Конечно, до 70 лет можно чуть–чуть, самую малость, ещё как‑то контактировать с тем обществом. Дальше – лучше не надо.
Мне проще, потому что живут мои книги. Вот пусть с ними общество и контактирует. А я тихо уйду.
Я никогда не лазил глубоко в интернет. Он полон слухов, сплетен, легенд, полулжи, грязи и гнилой московской городской политики. Я брезгую прикасаться ко всему московскому. Меня спасает моя провинциальность.
И без Москвы в Красноярске можно жить. И нужно жить, не думая о ней.
Поэтому для меня интернет ограничивается авиацией.
На авиа ру какой‑то зоил упорно и настойчиво, пост за постом, клюёт меня, обзывая графоманом и «далеко не Марселем Прустом». Что за Пруст – ну, найду, почитаю. Фамилию слыхал, но потребности ознакомиться с творчеством знаменитого пейсателя не было; теперь вот появилась.
Ага. В Википедии говорится, что Пруст – мастер психологического романа, писал на рубеже XIX и XX веков, прославился своим циклом «В поисках утерянного времени», самым длинным в мире художественным произведением; кроме того, сам был педерастом и содержал публичный дом для гомосексуалистов.
И правда… я не Марсель Пруст! Слава богу.
А читать этот цикл… 3200 страниц… 2200 персонажей… Увольте. Делать мне больше нечего, кроме как педерастические романы читать. Абзацы там бесконечной длины; не покидает удивление: как все это могло вместиться в одном мозге несчастного человека.

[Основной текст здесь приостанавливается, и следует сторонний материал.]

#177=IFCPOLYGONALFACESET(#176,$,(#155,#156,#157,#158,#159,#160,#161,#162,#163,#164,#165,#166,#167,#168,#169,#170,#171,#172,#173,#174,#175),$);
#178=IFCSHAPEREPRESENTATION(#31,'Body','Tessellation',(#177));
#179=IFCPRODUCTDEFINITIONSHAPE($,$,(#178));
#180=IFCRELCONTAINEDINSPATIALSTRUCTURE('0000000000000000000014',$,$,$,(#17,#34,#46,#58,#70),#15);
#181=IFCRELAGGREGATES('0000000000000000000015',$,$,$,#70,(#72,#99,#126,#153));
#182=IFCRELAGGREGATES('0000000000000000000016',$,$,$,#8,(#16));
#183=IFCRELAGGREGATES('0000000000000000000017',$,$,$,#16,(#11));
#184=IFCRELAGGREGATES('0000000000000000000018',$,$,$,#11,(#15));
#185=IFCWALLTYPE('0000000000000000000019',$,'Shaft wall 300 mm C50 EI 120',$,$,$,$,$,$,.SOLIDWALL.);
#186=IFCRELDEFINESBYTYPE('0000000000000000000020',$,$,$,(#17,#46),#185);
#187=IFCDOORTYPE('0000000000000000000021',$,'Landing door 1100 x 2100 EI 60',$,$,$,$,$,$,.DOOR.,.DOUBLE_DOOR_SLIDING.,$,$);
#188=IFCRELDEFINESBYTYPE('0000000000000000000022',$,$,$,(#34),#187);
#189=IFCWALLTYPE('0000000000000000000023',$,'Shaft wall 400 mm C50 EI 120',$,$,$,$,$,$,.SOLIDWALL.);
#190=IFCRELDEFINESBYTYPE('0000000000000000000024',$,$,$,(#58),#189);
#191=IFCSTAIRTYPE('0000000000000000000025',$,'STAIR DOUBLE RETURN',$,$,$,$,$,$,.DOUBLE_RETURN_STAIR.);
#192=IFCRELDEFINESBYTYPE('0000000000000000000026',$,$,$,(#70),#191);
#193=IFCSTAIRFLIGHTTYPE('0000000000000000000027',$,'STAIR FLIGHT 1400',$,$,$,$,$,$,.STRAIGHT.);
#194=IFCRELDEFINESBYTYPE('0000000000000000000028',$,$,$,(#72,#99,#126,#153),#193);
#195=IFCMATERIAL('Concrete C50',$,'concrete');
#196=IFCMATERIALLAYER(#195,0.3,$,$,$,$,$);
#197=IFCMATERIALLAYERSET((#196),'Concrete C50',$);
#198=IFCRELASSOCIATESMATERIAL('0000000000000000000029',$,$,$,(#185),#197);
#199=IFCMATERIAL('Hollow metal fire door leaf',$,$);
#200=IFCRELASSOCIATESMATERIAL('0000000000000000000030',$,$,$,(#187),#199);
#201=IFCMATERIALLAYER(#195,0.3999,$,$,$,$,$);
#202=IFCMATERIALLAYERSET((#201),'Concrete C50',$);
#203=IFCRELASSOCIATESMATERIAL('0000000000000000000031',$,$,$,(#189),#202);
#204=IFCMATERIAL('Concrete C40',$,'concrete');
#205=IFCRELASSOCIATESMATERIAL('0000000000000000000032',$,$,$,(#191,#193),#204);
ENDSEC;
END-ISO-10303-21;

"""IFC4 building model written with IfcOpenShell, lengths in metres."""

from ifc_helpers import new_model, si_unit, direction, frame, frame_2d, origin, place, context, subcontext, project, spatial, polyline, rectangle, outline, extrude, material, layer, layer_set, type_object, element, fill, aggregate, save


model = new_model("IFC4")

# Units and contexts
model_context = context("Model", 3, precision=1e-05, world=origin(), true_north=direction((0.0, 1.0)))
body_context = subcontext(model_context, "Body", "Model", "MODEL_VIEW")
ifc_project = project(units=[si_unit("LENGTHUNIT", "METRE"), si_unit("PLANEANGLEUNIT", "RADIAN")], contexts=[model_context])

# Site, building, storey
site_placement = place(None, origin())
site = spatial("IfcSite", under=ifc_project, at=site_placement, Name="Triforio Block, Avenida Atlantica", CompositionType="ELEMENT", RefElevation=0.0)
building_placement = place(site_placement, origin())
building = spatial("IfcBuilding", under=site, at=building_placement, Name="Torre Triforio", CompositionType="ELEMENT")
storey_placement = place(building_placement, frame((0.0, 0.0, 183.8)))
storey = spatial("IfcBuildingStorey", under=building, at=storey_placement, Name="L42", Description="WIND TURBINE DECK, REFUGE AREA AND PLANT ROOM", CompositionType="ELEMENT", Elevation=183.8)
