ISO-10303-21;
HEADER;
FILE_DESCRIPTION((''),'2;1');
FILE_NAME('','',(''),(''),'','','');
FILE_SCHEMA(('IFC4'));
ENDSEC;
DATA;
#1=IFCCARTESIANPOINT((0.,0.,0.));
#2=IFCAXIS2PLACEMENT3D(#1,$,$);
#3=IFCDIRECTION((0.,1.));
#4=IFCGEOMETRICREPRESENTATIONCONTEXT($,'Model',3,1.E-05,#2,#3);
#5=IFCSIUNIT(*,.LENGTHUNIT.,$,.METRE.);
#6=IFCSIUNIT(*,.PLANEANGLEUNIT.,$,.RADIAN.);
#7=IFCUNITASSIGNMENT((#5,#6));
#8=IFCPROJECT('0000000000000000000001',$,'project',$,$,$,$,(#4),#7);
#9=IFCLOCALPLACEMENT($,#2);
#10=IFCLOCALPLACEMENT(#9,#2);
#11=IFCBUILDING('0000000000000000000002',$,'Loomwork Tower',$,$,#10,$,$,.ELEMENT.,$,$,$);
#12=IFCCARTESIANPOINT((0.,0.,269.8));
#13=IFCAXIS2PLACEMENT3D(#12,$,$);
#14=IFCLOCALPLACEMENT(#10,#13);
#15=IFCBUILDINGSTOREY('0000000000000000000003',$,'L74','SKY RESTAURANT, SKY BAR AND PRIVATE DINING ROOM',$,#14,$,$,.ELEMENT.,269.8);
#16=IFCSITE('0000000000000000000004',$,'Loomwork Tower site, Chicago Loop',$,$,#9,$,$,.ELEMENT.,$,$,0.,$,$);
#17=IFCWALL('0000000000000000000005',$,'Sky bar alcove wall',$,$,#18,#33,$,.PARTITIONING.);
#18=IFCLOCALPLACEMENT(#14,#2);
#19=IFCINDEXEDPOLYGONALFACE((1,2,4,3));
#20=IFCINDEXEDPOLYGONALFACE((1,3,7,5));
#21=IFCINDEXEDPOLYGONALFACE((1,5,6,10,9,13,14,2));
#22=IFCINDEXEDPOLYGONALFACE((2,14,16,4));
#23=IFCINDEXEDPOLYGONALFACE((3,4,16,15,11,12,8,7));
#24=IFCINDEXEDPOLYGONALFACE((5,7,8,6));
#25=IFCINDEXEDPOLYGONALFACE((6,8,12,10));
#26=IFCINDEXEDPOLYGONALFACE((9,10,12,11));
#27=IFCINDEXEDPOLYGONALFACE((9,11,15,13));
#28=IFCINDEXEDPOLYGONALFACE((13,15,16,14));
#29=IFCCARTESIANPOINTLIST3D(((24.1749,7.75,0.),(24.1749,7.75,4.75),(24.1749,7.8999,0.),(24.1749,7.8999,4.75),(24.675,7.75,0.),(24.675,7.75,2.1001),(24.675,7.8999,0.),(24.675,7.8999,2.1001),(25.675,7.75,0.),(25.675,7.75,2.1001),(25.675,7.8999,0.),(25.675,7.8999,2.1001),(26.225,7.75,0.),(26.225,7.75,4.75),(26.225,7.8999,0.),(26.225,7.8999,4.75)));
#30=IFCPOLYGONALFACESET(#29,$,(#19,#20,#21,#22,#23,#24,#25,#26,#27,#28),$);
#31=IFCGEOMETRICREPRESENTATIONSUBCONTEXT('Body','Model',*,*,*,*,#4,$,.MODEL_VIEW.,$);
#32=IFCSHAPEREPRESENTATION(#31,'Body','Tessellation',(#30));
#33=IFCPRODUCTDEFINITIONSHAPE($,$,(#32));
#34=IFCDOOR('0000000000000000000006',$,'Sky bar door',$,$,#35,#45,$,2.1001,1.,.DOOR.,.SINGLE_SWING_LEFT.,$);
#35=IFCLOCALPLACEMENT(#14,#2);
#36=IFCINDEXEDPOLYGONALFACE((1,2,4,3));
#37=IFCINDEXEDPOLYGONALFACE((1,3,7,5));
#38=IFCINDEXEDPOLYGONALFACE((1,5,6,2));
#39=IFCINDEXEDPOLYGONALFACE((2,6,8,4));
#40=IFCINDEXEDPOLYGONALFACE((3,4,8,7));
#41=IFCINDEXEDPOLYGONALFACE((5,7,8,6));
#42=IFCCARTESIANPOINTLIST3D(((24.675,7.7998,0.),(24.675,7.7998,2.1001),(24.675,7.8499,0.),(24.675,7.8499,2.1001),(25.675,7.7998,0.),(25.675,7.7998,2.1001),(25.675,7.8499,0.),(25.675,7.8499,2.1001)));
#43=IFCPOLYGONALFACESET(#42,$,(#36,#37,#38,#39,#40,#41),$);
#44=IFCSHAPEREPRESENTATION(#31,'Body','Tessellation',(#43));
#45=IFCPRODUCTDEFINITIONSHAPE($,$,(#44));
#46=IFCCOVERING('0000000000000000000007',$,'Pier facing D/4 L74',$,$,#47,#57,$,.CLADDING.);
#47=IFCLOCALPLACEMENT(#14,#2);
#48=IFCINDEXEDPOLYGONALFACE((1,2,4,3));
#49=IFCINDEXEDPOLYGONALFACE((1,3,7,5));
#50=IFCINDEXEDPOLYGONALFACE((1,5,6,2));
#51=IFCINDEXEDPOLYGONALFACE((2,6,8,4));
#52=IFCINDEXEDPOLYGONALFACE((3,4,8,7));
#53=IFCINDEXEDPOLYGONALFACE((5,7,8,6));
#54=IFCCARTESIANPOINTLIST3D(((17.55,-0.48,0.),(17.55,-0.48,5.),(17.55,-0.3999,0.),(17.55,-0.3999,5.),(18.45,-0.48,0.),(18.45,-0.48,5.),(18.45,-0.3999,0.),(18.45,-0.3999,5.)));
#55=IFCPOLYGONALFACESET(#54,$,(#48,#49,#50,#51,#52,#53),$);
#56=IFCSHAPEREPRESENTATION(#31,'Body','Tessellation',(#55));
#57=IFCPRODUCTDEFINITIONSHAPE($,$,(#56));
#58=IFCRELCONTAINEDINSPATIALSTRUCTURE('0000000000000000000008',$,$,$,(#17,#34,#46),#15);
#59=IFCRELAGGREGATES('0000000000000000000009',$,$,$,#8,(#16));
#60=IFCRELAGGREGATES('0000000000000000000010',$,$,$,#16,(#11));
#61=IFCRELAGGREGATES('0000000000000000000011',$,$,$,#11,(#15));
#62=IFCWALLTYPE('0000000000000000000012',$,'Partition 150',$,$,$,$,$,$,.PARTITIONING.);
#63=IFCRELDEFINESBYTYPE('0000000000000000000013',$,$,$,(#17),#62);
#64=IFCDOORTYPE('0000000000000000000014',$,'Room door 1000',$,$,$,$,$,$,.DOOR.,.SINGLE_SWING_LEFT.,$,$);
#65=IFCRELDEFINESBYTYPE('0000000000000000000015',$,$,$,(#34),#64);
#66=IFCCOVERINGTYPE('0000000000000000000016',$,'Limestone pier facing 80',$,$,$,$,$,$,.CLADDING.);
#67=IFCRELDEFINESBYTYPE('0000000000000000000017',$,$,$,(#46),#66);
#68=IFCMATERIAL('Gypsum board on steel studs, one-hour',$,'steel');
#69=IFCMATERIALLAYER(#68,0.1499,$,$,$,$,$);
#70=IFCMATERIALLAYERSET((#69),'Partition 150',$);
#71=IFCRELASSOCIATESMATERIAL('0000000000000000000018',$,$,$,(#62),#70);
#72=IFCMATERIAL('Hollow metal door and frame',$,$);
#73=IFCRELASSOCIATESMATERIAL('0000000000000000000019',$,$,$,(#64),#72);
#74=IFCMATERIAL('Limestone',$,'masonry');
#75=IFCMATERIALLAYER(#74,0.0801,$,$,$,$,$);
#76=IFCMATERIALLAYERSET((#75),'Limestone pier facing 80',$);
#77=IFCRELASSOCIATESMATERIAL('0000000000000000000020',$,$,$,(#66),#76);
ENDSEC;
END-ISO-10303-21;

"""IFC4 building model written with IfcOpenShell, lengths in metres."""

from ifc_helpers import new_model, si_unit, direction, frame, frame_2d, origin, origin_2d, place, context, subcontext, project, spatial, rectangle, extrude, material, layer, layer_set, type_object, element, fill, save


model = new_model("IFC4")

# Units and contexts
model_context = context("Model", 3, precision=1e-05, world=origin(), true_north=direction((0.0, 1.0)))
body_context = subcontext(model_context, "Body", "Model", "MODEL_VIEW")
ifc_project = project(units=[si_unit("LENGTHUNIT", "METRE"), si_unit("PLANEANGLEUNIT", "RADIAN")], contexts=[model_context])

# Site, building, storey
site_placement = place(None, origin())
site = spatial("IfcSite", under=ifc_project, at=site_placement, Name="Loomwork Tower site, Chicago Loop", CompositionType="ELEMENT", RefElevation=0.0)
building_placement = place(site_placement, origin())
building = spatial("IfcBuilding", under=site, at=building_placement, Name="Loomwork Tower", CompositionType="ELEMENT")
storey_placement = place(building_placement, frame((0.0, 0.0, 269.8)))
storey = spatial("IfcBuildingStorey", under=building, at=storey_placement, Name="L74", Description="SKY RESTAURANT, SKY BAR AND PRIVATE DINING ROOM", CompositionType="ELEMENT", Elevation=269.8)

# Shared definitions
ifc_material_1 = material(Name="Gypsum board on steel studs, one-hour", Category="steel")
ifc_layer_1 = layer(ifc_material_1, 0.1499)
ifc_layer_set_1 = layer_set([ifc_layer_1], Name="Partition 150")
wall_type_1 = type_object("IfcWallType", Name="Partition 150", PredefinedType="PARTITIONING", material=ifc_layer_set_1)

# Wall, opening, door
wall_1_placement = place(storey_placement, frame((24.175, 7.825, 0.0), z_axis=(0.0, 0.0, 1.0), x_axis=(1.0, 0.0, 0.0)))
wall_1 = element("IfcWall", 1, at=wall_1_placement, inside=storey, type_object=wall_type_1, Name="Sky bar alcove wall", PredefinedType="PARTITIONING", context=body_context, shape_type="SweptSolid", body=[
    extrude(rectangle(XDim=2.05, YDim=0.1499, at=frame_2d((1.0249, 0.0))), origin(), (0.0, 0.0, 1.0), 4.75),
])
opening_1_placement = place(wall_1_placement, frame((0.5, 0.0, 0.0)))
opening_1 = element("IfcOpeningElement", 2, at=opening_1_placement, cuts=wall_1, PredefinedType="OPENING", context=body_context, shape_type="SweptSolid", body=[
    extrude(rectangle(XDim=1.0, YDim=2.1001, at=frame_2d((0.5, 1.05))), frame((0.0, 0.085, 0.0), z_axis=(0.0, -1.0, 0.0), x_axis=(1.0, 0.0, 0.0)), (0.0, 0.0, 1.0), 0.1699),
])
ifc_material_2 = material(Name="Hollow metal door and frame")
door_type_1 = type_object("IfcDoorType", Name="Room door 1000", OperationType="SINGLE_SWING_LEFT", PredefinedType="DOOR", material=ifc_material_2)
door_1_placement = place(opening_1_placement, origin())
door_1 = element("IfcDoor", 3, at=door_1_placement, inside=storey, type_object=door_type_1, Name="Sky bar door", OperationType="SINGLE_SWING_LEFT", OverallHeight=2.1001, OverallWidth=1.0, PredefinedType="DOOR", context=body_context, shape_type="SweptSolid", body=[
    extrude(rectangle(XDim=1.0, YDim=2.1001, at=frame_2d((0.5, 1.05))), frame((0.0, 0.0249, 0.0), z_axis=(0.0, -1.0, 0.0), x_axis=(1.0, 0.0, 0.0)), (0.0, 0.0, 1.0), 0.05),
])
fill(opening_1, door_1)

# Covering
ifc_material_3 = material(Name="Limestone", Category="masonry")
ifc_layer_2 = layer(ifc_material_3, 0.0801)
ifc_layer_set_2 = layer_set([ifc_layer_2], Name="Limestone pier facing 80")
covering_type = type_object("IfcCoveringType", Name="Limestone pier facing 80", PredefinedType="CLADDING", material=ifc_layer_set_2)
covering_placement = place(storey_placement, frame((18.0, -0.4399, 0.0), z_axis=(0.0, 0.0, 1.0), x_axis=(1.0, 0.0, 0.0)))
element("IfcCovering", 4, at=covering_placement, inside=storey, type_object=covering_type, Name="Pier facing D/4 L74", PredefinedType="CLADDING", context=body_context, shape_type="SweptSolid", body=[
    extrude(rectangle(XDim=0.8999, YDim=0.0801, at=origin_2d()), origin(), (0.0, 0.0, 1.0), 5.0),
])

save(model, "model.ifc")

И Кафка такой же. Нет. Ниасилил. Это все – не моё. Честно – фигня на постном масле. На оливковом. Но оттого, что просвещенная, загнивающая, пресыщенная, порочная Европа вознесла этих аффтаров на щит – мое предубеждение против нее только возросло. Это всё – не наше, не русское, чуждое, деструктивное, отталкивающее нормального трудового человека, обволакивающее паутиной сладостного порока, бреда, абсурда, нечта эдакого. Это – не для сибирских морозов, это – салонная дрысня.
Мне лучше, честнее, душевнее – жить просто, в единении – не с окружающим социумом, а с природой, без утонченных выдумасов.
А нас упрямо тянут за уши в Европу наши молодые государственные лидеры, все в счастье от своей современности и приятия традиционных европейских ценностей… и среди них, ценностей этих, – и вот это утонченное, взбитое дерьмо.